図1の例示の実施形態では、ソース同期システムを示しており、トランスミッタPLL112は、第2のシリアルインターフェース118にも連結されており、コンピューティングモジュール102,104間のソース同期通信をサポートするために、第2のシリアルインターフェース118を通して第2のコンピューティングモジュール104へ伝送クロック信号(C
TX)を通信するように構成されている。
【0015】
トランスミッタ114は、概して、以下に詳細を説明するように、トランスミッタPLL112から受信した伝送クロック信号(C
TX)の立ち上りおよび/または立ち下りエッジと同期して、シリアル化されたデータの個々のビットを表す電気信号を、パラレル/シリアル変換回路110の出力から、シリアルインターフェース106を通して順次伝送するように構成される、第1のコンピューティングモジュール102のハードウェア構成要素および/または回路を表す。

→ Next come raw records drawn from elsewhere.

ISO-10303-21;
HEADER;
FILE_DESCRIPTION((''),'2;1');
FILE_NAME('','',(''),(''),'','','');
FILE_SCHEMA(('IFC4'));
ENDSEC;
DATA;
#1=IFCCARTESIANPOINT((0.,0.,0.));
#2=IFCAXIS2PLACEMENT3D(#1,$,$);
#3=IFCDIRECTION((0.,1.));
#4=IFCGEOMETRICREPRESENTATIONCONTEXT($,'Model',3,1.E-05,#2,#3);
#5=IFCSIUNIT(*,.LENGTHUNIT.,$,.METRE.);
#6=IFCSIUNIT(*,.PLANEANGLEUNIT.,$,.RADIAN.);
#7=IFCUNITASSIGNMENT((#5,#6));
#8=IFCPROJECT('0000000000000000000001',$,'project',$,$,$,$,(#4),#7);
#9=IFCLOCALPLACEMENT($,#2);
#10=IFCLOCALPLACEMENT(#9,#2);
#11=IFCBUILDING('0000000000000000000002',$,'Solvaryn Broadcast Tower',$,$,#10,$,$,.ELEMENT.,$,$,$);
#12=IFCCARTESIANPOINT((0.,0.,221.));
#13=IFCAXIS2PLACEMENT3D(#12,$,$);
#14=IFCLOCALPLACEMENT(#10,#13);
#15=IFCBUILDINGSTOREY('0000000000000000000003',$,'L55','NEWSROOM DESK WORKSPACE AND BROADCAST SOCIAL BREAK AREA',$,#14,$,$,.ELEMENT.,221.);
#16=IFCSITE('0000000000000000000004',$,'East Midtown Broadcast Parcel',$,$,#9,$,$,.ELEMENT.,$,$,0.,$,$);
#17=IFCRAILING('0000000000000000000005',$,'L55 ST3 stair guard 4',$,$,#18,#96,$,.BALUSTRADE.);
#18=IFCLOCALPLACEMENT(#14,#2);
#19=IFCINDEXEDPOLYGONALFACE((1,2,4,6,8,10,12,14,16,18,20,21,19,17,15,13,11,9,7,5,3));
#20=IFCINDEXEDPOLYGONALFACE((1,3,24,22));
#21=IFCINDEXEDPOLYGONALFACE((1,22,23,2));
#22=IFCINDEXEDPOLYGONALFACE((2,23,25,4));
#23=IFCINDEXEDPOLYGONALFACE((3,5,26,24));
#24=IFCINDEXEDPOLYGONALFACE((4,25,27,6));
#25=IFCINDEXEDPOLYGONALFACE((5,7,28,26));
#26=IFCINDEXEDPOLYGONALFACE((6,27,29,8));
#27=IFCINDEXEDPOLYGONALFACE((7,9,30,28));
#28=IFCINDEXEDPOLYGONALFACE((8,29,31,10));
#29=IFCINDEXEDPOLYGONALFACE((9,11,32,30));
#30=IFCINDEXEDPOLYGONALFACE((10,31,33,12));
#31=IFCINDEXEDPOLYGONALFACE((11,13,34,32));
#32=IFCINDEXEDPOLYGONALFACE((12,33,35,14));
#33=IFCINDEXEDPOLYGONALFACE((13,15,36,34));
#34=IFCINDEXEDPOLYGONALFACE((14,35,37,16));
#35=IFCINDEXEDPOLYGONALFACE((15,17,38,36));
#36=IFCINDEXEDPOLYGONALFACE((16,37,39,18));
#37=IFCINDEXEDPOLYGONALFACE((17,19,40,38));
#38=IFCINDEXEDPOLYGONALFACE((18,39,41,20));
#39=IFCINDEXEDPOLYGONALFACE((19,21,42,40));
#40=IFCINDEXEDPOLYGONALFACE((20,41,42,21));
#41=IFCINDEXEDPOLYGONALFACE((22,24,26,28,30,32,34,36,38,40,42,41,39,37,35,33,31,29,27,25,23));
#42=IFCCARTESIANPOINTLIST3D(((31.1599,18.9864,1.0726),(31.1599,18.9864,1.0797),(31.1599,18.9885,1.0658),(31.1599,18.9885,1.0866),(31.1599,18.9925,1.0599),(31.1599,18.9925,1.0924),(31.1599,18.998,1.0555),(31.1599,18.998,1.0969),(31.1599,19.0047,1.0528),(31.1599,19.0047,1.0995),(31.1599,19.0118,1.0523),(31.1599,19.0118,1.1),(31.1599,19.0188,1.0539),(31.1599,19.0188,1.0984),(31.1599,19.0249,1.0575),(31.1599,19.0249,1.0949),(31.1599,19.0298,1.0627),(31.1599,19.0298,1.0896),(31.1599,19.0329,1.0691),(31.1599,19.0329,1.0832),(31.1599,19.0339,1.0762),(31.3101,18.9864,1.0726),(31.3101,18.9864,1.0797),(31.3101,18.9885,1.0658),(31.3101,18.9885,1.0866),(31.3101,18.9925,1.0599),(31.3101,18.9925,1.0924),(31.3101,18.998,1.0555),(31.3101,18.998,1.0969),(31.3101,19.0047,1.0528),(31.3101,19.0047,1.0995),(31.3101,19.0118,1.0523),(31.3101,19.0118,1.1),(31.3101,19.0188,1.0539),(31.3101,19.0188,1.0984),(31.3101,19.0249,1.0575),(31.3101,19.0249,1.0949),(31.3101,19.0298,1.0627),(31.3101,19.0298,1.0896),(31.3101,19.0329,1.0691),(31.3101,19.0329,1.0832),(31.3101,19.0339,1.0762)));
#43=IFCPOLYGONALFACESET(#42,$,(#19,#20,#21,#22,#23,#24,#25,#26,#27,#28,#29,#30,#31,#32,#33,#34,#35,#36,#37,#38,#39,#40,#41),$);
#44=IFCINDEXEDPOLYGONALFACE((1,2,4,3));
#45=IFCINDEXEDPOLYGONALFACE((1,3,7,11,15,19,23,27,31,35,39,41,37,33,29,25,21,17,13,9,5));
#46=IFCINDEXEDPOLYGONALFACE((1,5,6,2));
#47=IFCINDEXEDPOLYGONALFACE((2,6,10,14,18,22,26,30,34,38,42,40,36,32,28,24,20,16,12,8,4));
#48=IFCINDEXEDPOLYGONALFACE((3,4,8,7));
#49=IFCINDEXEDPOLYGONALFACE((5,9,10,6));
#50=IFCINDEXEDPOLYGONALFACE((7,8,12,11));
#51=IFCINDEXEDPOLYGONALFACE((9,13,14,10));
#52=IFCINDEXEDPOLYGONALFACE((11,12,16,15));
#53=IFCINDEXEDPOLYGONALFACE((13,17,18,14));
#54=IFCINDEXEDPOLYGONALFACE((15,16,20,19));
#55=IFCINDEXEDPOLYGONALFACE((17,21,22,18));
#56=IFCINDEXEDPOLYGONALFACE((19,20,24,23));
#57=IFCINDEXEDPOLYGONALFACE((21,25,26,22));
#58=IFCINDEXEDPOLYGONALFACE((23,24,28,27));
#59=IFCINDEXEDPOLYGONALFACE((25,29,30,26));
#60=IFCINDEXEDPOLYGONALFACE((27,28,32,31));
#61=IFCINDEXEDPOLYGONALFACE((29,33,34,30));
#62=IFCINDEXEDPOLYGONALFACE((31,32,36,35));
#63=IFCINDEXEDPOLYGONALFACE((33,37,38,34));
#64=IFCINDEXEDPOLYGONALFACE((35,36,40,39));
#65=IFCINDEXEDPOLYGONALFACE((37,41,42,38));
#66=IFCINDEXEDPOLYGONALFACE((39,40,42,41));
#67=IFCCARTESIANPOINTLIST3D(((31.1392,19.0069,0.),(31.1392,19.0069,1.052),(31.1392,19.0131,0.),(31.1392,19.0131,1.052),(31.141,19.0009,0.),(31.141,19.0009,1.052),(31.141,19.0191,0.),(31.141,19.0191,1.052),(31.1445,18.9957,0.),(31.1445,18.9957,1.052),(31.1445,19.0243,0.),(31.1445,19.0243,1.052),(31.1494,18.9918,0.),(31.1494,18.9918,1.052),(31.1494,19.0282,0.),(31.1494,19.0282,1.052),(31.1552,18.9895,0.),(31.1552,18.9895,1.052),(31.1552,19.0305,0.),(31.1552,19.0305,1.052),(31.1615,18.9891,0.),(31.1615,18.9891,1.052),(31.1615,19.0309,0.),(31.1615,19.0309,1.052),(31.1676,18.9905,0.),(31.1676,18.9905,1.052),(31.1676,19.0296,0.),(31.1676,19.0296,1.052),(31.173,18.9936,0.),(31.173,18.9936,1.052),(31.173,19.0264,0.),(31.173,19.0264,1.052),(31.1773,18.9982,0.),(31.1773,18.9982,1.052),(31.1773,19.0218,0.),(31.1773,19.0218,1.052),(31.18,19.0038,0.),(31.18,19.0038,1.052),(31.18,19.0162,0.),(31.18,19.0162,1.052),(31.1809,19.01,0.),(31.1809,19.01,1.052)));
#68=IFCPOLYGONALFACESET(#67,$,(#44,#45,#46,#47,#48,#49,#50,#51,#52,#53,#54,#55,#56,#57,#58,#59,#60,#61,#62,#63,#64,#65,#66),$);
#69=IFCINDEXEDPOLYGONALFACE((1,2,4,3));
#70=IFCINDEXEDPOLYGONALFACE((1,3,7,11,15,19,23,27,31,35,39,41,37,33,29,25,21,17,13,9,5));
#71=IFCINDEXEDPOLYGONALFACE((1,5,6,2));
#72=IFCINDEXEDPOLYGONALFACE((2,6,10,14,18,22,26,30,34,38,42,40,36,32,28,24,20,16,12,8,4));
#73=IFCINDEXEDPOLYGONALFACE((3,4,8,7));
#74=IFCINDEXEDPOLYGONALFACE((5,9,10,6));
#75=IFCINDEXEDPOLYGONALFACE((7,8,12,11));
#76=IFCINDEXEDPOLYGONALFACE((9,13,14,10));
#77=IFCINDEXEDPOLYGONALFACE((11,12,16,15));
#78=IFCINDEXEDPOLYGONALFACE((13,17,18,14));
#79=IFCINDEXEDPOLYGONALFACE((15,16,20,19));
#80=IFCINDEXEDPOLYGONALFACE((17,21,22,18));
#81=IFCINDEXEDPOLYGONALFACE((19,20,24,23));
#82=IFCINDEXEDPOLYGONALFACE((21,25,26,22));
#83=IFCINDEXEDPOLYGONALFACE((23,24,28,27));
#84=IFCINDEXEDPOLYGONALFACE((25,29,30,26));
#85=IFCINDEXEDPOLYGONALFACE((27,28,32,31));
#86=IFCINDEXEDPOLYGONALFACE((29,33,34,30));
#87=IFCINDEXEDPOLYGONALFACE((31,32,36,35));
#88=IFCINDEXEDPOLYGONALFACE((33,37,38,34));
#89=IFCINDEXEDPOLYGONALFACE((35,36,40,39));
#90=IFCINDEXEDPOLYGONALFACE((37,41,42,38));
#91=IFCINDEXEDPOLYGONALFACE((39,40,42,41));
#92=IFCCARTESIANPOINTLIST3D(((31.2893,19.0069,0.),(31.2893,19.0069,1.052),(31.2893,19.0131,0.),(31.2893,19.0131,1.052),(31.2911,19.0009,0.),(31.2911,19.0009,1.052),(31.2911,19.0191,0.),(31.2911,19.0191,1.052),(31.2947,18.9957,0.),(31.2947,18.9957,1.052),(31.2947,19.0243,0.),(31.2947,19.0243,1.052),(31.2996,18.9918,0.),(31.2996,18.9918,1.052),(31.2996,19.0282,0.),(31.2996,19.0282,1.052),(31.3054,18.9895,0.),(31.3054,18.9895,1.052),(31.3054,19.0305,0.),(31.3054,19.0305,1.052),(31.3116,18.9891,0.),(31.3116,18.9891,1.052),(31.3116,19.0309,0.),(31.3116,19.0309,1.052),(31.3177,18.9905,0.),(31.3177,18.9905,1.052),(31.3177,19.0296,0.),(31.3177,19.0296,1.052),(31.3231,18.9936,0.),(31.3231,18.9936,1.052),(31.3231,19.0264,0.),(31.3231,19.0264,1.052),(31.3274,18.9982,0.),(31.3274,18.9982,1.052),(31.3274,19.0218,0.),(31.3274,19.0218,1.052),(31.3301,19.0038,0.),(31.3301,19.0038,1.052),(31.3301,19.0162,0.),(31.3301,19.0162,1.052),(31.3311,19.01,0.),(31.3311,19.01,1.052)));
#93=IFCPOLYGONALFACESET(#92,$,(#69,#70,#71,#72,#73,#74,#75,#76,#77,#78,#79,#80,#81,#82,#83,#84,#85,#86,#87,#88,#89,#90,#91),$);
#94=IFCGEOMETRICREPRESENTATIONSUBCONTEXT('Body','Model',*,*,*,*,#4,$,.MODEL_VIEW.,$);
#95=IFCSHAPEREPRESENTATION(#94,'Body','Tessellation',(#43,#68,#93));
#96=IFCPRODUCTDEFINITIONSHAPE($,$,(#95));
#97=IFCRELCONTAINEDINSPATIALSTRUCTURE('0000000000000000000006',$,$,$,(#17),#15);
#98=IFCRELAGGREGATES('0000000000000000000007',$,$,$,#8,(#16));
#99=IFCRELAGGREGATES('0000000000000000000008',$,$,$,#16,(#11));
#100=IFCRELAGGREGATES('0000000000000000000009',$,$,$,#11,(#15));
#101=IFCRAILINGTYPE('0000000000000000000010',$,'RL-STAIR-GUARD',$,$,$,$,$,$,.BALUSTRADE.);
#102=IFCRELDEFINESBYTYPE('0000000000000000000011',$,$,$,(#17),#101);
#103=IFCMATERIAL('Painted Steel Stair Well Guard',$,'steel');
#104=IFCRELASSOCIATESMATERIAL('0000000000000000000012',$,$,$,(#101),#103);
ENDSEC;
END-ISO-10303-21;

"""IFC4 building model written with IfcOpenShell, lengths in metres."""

from ifc_helpers import new_model, si_unit, direction, frame, origin, origin_2d, place, context, subcontext, project, spatial, circle, extrude, material, type_object, element, save


model = new_model("IFC4")

# Units and contexts
model_context = context("Model", 3, precision=1e-05, world=origin(), true_north=direction((0.0, 1.0)))
body_context = subcontext(model_context, "Body", "Model", "MODEL_VIEW")
ifc_project = project(units=[si_unit("LENGTHUNIT", "METRE"), si_unit("PLANEANGLEUNIT", "RADIAN")], contexts=[model_context])

# Site, building, storey
site_placement = place(None, origin())
site = spatial("IfcSite", under=ifc_project, at=site_placement, Name="East Midtown Broadcast Parcel", CompositionType="ELEMENT", RefElevation=0.0)
building_placement = place(site_placement, origin())
building = spatial("IfcBuilding", under=site, at=building_placement, Name="Solvaryn Broadcast Tower", CompositionType="ELEMENT")
storey_placement = place(building_placement, frame((0.0, 0.0, 221.0)))
storey = spatial("IfcBuildingStorey", under=building, at=storey_placement, Name="L55", Description="NEWSROOM DESK WORKSPACE AND BROADCAST SOCIAL BREAK AREA", CompositionType="ELEMENT", Elevation=221.0)

# Railing
ifc_material_1 = material(Name="Painted Steel Stair Well Guard", Category="steel")
railing_type_1 = type_object("IfcRailingType", Name="RL-STAIR-GUARD", PredefinedType="BALUSTRADE", material=ifc_material_1)
railing_1_placement = place(storey_placement, frame((31.1599, 19.01, 0.0)))
element("IfcRailing", 1, at=railing_1_placement, inside=storey, type_object=railing_type_1, Name="L55 ST3 stair guard 4", PredefinedType="BALUSTRADE", context=body_context, shape_type="SweptSolid", body=[
    extrude(circle(Radius=0.0239, at=origin_2d()), frame((0.0, 0.0, 1.0762), z_axis=(1.0, 0.0, 0.0), x_axis=(0.0, 1.0, 0.0)), (0.0, 0.0, 1.0), 0.1501),
    extrude(circle(Radius=0.021, at=origin_2d()), origin(), (0.0, 0.0, 1.0), 1.052),
    extrude(circle(Radius=0.021, at=origin_2d()), frame((0.1501, 0.0, 0.0)), (0.0, 0.0, 1.0), 1.052),
])

save(model, "model.ifc")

例示的実施形態において、トランスミッタ114は、シリアルデータの先行および/または後続ビットを利用して、シリアルインターフェース106の性能特性(例えば、ノイズ、歪み、減衰等)に基づいて、シリアルデータのそれぞれのビットを表す電気信号を等化するように構成されたFIR等化トランスミッタとして実現される。以下に詳細を説明するように、例示的実施形態において、トランスミッタ114は、シリアルインターフェース106を通して伝送される信号の所望の等化を達成する一方で、レシーバ120の実効入力インピーダンスに一致する所望の実効出力インピーダンスを同時に達成するように構成されている。この点で、以下に説明するように、トランスミッタコントローラ116は、概して、トランスミッタ114に連結されており、かつ、外部の精密抵抗基準140と一致するようにトランスミッタ114内の特定数のドライバ支脈を有効にし、所望の等化を達成する様式で、シリアルインターフェース106を通して転送される信号を生成する有効なドライバ支脈を割当てることによって、トランスミッタ114の出力インピーダンスを制御するように構成される、ハードウェア、ファームウェア、処理論理および/またはソフトウェア(あるいはこれらの組み合わせ)を表す。トランスミッタコントローラ116は、第1のコンピューティングモジュール102の個別の要素として示されるが、実際には、トランスミッタコントローラ116の特徴および/または機能は、処理システム108によって実装されてもよく、あるいはトランスミッタコントローラ116は、処理システム108と統合されてもよいことに留意されたい。
【0016】
例示の実施形態において、第2のコンピューティングモジュール104は、制限ではなく、シリアルインターフェース106を通してデータを通信するためのレシーバ120と、レシーバクロックおよびデータリカバリ(CDR)モジュール122と、シリアル/パラレル変換回路124と、第2の処理システム126と、レシーバコントローラ130とを含む。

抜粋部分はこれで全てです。